BG_model = ensemble.GradientBoostingRegressor(**params)
BG_model.fit(X_train, y_train)
R2_bg = BG_model.score(X_test, y_test)

In [14]:
from sklearn.metrics import mean_squared_error 
y_pred_bg = BG_model.predict(X_test)
mse_bg = mean_squared_error(y_test, y_pred_bg)
rmse_bg = mse_bg **.5

## 4. Difference between Random Forest and XGBoost
- **Random Forest vs. XGBoost: General Comparison**
  - *Training and Dataset Handling:*
    - Random Forest is faster for training and handles larger datasets.
    - XGBoost is slower but more accurate.
    - Random Forest can handle missing values; XGBoost cannot.
  - *Nonlinear Relationships:*
    - XGBoost uses gradient boosting, handling nonlinear relationships between features.
    - Random Forest cannot handle nonlinear relationships.
  - *Ensemble Learning Methods:*
    - Both are ensemble learning methods.
    - Random Forest builds multiple independent decision trees in parallel.
    - Gradient boosting corrects errors of its predecessor in each tree.
    - Gradient boosting is a numerical optimization problem minimizing the loss function using gradient descent.

- **XGBoost Specifics:**
  - *Unbalanced Datasets:*
    - XGBoost is a good option for unbalanced datasets.
  - *Importance Assignment:*
    - XGBoost gives more importance to functional space when reducing the model cost.
    - Random Forest prefers hyperparameters for optimization.
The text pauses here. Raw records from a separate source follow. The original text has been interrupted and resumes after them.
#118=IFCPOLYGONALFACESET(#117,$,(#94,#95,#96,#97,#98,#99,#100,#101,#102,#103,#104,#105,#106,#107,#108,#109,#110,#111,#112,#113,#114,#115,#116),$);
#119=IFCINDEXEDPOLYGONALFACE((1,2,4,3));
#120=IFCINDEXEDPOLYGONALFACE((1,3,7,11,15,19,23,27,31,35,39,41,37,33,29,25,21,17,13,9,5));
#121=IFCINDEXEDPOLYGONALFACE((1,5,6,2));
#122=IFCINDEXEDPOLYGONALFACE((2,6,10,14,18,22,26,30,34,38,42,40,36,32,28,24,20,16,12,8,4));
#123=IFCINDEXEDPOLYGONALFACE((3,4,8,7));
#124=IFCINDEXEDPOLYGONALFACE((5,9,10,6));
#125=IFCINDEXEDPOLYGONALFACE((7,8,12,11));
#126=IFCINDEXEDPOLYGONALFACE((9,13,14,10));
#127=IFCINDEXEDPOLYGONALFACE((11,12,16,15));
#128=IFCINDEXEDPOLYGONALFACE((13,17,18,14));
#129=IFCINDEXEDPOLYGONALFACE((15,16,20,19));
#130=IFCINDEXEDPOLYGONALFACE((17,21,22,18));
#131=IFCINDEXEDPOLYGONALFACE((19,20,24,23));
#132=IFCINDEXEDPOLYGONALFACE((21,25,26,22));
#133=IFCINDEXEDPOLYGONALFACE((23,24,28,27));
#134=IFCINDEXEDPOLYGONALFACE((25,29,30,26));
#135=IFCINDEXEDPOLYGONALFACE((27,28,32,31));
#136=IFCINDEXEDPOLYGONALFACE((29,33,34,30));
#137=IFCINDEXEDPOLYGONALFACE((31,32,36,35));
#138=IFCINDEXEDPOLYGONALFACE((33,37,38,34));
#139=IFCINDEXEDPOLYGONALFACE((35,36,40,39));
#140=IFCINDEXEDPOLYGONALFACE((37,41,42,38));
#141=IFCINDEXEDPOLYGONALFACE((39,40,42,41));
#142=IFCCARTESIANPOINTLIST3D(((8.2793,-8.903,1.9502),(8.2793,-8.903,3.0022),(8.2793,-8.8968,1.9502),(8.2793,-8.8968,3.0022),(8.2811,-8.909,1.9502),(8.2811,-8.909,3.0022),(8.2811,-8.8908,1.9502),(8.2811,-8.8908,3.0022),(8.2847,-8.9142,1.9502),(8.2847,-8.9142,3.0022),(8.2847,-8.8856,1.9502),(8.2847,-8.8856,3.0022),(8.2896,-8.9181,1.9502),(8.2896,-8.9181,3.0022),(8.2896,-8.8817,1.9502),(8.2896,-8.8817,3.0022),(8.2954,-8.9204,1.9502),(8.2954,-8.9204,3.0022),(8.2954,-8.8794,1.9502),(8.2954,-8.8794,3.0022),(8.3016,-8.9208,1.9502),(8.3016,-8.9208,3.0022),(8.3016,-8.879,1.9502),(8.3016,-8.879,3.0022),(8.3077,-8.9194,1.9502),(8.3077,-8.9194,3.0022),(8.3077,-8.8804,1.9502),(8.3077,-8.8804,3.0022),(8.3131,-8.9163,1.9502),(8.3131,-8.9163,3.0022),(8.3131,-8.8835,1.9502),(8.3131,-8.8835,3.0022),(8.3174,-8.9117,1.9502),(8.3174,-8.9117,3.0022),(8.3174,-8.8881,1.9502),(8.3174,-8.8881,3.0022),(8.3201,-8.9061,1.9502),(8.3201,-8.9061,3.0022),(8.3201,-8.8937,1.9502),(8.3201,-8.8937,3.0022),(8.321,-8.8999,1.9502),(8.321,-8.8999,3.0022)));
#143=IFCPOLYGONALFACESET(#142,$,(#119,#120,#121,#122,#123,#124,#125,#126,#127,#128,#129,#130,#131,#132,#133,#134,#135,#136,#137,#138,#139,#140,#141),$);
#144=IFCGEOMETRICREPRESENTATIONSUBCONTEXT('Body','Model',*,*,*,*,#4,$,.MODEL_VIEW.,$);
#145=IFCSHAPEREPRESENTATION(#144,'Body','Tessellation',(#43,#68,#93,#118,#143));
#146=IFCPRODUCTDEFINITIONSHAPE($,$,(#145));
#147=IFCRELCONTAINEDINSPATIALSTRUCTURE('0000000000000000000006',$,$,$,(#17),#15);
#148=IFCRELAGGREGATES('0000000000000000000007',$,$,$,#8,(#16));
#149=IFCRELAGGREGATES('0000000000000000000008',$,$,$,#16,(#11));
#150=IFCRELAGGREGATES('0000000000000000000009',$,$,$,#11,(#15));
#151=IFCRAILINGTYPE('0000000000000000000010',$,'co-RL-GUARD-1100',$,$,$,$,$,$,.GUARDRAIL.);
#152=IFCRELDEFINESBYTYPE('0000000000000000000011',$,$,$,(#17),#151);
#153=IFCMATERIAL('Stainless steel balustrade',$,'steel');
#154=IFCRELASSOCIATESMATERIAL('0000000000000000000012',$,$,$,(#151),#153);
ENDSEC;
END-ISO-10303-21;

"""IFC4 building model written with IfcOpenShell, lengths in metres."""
- **Random Forest Specifics:**
  - *Tuning:*
    - Random forests are easier to tune than Boosting algorithms.

- **Overall Assessment:**
  - *XGBoost Advantages:*
    - Considered more powerful and accurate than Random Forest.
    - Utilizes decision trees as base learners with additional features like regularization and boosting.
    - Effective handling of missing values and large datasets.
    - More flexible hyperparameters for fine-tuning based on specific datasets.
 
![image.png](attachment:image.png)

## 5. Difference between XG-Boost and Gradient Boosting
- **XGBoost vs. Gradient Boosting: A Summary**
  - *Regularization:*
    - XGBoost is a more regularized form of Gradient Boosting.
    - XGBoost employs advanced regularization (L1 & L2) for enhanced model generalization.
  - *Performance:*
    - XGBoost outperforms Gradient Boosting, delivering high performance.
    - Its training is fast and can be parallelized across clusters.
  - *Methodology:*
    - Both methods use a similar approach, building a sequence of models to minimize errors.
  - *Regularization Techniques:*
    - XGBoost includes L1 and L2 regularization to prevent overfitting.
    - Gradient Boosting lacks these regularization techniques.
  - *Speed:*
    - XGBoost is generally faster due to optimization techniques like an approximate greedy algorithm and parallel processing.
  - *Handling Missing Values:*
    - XGBoost has built-in functionality to handle missing values.
    - Gradient Boosting requires explicit imputation of missing values.
  - *Multi-Class Classification:*
    - XGBoost handles multi-class classification problems natively.
    - Gradient Boosting and AdaBoost require a One-vs-All approach for multi-class problems.

#### XG Boost:
![image.png](attachment:image.png)

#### Gradient Boosting:
![image.png](attachment:image.png)

## 5. Conclusion

In [15]:
data = [['Random Forest', mse_rf, rmse_rf, R2_rf], ['XG-Boost', mse_xgb, rmse_xgb, R2_xgb], ['Gradient Boosting', mse_bg, rmse_bg, R2_bg]]
df = pd.DataFrame(data, columns=['Algorithm', 'MSE', 'RMSE','Coefficient of Determination'])
df['MSE'] = df['MSE'].astype(int)
df['RMSE'] = df['RMSE'].astype(int)
df['Coefficient of Determination'] = df['Coefficient of Determination'].astype(float)
print(df)

           Algorithm       MSE  RMSE  Coefficient of Determination
0      Random Forest  93485278  9668                      0.646491
1           XG-Boost  88840991  9425                      0.664053
2  Gradient Boosting  63675156  7979                      0.759216


### Comparison
Based on above Summary, as Boosting Gradient alorithm has highest coefficient of determination and lowest MSE and RMSE, it has the best model performance. XG boost works better than the randrom forest algorithm. Theoretically, XG-Boost should work better, it might be due small dataset and parameter used in the model.